LTIR dataset is a thermal infrared dataset used to evaluate the tracking of a single object (STSO) in a short time. Currently, only one version is available. Version 1.0 consists of 20 infrared thermal sequences with an average length of 563 frames. This dataset is a subchallenge of the 2015 Visual Object Recognition (VOT) Challenge. In the experiment, 11,262 8-bit images are divided into a training set of 9010 images and a test set of 2252 images. Figure 8 shows the test image on the LTIR dataset. The quantitative results are shown in Table 5.

4.4. Ablation Research and Analysis

We conduct ablation research on the effect of the loss function component in the deblurring method proposed in this paper. The results are summarized in Table 6. We can see that our proposed dark channel and bright channel a priori determination components are steadily improving PSNR and SSIM. In particular, the dark channel a priori determination module contributes the most. When we replace the perceptual loss function with L1 and L2 loss functions, the average SSIM and PSNR both decrease. It can be seen from Figure 9 that the deblurred image generated after replacing the perceptual loss function with the L1 and L2 loss function is too smooth. In summary, in the deblurring task, the perceptual loss function is more suitable than the L1 and L2 loss functions.

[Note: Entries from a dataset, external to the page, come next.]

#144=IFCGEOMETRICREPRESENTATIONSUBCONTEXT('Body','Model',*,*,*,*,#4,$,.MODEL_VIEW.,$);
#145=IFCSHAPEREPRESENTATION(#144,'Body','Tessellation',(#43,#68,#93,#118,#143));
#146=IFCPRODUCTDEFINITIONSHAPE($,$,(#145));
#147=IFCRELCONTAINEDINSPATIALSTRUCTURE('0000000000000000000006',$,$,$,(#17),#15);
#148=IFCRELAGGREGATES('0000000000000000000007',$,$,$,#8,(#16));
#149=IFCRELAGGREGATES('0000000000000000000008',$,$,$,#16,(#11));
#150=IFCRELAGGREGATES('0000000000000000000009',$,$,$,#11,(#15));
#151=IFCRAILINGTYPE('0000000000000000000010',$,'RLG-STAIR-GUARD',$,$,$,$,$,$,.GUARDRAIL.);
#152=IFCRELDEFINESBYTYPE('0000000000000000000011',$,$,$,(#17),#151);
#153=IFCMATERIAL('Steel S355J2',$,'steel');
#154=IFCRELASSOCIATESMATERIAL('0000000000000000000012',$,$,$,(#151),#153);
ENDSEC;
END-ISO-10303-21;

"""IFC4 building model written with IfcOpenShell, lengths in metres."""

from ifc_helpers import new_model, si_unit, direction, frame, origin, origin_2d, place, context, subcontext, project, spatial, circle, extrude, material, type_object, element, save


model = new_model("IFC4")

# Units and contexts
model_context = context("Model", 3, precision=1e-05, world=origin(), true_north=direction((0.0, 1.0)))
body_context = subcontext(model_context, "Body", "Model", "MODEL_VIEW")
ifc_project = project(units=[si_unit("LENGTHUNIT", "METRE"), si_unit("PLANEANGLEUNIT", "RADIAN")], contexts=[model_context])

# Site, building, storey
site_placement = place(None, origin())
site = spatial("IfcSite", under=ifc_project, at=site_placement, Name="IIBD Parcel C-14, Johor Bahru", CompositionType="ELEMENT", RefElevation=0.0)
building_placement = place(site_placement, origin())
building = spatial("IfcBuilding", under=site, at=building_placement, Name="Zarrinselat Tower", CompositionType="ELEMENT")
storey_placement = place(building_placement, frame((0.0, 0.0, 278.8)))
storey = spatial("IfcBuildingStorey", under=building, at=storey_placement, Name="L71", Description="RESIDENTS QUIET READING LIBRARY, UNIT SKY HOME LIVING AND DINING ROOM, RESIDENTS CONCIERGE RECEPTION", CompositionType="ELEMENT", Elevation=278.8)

4.5. Use Advanced Vision Tasks to Compare Deblurring Results

Basic vision tasks, including image deblurring, serve for advanced vision tasks. In order to further verify the effectiveness of our method, we match the deblurred images generated by several methods with real clear images. Scale-Invariant Feature Transformation (SIFT) is a representation of Gaussian image gradient statistics in the field of feature points and is a commonly used image local feature extraction algorithm. In the matching result, the number of matching points can be used as a criterion for matching quality, and the corresponding matching points can also determine the similarity of the local features of the two images. Figure 10 shows the result of matching the deblurred image with the real clear image through the SIFT algorithm. It can be seen from the quantity that the deblurred image produced by our proposed method obtains more correct matching pairs than other methods.

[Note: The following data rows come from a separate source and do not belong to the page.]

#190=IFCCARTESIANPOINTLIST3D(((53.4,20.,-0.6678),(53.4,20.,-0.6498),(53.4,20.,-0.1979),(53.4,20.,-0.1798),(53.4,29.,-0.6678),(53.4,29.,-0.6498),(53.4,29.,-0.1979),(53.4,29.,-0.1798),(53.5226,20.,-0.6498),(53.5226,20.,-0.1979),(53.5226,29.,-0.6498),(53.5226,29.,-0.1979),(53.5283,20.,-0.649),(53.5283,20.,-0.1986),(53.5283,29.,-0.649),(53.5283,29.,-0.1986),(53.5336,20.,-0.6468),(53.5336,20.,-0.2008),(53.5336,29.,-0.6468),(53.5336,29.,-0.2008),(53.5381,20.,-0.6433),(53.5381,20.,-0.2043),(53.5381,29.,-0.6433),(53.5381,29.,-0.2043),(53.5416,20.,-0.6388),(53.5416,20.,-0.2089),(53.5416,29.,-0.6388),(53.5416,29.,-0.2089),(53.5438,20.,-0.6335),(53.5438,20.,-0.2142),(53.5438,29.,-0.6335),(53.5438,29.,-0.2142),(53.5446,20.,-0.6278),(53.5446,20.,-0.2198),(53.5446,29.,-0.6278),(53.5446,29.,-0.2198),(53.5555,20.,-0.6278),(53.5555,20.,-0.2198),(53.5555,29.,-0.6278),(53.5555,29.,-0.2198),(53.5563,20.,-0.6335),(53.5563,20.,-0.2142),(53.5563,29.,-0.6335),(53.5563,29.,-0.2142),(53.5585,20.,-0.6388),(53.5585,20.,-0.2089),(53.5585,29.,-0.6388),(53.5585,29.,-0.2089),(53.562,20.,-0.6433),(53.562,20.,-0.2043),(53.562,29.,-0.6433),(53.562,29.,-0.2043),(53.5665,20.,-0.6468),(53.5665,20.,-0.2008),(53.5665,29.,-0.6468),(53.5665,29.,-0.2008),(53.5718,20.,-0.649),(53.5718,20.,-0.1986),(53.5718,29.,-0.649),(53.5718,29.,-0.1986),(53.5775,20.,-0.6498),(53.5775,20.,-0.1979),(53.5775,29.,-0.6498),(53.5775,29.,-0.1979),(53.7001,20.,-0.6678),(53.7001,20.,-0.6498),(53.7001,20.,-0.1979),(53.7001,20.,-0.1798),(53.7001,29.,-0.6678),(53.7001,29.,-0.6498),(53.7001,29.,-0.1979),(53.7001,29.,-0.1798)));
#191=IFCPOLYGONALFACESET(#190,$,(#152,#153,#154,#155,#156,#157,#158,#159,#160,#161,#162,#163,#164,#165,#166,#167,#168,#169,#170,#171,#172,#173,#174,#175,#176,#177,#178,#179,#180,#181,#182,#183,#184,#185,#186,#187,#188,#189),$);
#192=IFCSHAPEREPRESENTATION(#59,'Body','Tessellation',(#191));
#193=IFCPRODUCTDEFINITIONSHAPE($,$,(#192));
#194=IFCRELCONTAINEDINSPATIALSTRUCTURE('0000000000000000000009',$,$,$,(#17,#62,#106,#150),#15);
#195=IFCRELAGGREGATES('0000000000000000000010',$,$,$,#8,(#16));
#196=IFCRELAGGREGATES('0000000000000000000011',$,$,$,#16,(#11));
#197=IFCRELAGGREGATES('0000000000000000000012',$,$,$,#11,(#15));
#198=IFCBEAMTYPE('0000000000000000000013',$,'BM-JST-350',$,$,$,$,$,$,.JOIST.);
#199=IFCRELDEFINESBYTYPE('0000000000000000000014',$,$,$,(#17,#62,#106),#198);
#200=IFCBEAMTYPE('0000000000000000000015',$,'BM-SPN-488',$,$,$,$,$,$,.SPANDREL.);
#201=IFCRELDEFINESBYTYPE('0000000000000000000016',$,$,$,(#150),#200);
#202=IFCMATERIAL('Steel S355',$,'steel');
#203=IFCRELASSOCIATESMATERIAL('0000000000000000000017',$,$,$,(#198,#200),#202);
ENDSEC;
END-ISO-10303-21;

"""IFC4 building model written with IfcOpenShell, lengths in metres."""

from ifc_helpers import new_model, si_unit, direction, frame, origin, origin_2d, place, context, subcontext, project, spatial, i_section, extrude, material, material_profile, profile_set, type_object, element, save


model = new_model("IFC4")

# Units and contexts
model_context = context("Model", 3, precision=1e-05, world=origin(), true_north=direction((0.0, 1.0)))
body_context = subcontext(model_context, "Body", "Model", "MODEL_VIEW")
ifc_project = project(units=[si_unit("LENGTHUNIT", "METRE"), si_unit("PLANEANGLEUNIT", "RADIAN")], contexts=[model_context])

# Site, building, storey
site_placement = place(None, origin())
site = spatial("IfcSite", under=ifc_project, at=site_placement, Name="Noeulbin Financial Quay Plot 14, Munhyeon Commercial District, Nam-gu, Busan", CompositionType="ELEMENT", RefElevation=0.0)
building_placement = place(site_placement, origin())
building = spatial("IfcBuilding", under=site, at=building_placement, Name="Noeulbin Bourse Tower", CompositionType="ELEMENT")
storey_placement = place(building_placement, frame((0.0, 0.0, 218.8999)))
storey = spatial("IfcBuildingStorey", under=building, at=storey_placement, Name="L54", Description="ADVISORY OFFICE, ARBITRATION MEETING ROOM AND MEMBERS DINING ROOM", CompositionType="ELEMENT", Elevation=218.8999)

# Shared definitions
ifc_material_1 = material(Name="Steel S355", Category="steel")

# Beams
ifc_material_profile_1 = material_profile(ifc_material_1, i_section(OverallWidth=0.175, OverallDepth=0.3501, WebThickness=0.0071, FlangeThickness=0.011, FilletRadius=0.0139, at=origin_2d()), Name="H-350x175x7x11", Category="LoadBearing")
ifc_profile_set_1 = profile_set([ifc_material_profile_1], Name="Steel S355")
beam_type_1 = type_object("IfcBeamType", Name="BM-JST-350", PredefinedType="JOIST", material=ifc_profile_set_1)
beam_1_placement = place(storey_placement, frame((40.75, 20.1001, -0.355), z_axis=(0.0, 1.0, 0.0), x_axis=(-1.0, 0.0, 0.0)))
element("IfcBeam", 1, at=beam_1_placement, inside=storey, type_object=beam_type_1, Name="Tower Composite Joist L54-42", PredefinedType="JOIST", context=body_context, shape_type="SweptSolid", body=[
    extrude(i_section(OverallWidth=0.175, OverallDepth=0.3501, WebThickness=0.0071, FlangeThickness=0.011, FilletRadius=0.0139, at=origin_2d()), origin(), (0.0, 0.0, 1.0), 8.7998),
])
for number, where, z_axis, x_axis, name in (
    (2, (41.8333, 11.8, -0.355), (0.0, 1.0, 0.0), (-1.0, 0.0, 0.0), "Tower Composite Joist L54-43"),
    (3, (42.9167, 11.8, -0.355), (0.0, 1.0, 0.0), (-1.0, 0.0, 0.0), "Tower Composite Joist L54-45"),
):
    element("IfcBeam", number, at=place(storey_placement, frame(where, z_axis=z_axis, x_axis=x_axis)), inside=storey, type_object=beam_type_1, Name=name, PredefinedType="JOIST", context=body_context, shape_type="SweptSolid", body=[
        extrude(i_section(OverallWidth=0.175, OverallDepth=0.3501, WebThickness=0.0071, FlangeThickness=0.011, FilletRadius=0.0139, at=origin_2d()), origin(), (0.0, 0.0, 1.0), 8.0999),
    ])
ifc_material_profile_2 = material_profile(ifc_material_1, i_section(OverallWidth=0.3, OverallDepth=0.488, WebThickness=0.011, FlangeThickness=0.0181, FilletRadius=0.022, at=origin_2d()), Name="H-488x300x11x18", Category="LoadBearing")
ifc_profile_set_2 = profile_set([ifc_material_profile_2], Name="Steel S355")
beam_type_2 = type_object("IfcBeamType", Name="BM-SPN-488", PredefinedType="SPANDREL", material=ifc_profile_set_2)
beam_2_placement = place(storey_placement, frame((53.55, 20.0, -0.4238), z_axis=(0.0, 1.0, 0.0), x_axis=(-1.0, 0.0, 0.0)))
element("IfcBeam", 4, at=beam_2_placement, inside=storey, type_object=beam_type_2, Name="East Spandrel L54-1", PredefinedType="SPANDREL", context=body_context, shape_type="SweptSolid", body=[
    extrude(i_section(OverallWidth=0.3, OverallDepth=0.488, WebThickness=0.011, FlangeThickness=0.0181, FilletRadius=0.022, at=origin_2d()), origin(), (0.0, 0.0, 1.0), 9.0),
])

In this experiment, we use the classic YOLO [65] method for deblurring image target detection (Figure 11). As can be seen, the proposed method to generate a blurred image has better detection result, and more targets can be detected.

5. Conclusion

Blind deblurring of a single infrared image is still a challenging computer vision problem. In this work, a method based on the GAN and channel prior discrimination is proposed for the problem of infrared image deblurring. Different from the previous deblurring work, we combine traditional blind deblurring and blind deblurring methods based on learning methods. Considering the different types of blur caused by the motion of the imaging device and the imaging object, extensive experiments were carried out on different public datasets. Experimental results show that the proposed method is more competitive than other popular image deblurring methods in terms of deblurring quality (subjective and objective) and efficiency.

Data Availability

The data used to support the findings of this study are available from the corresponding author upon request.

Conflicts of Interest

The authors declare that they have no conflicts of interest.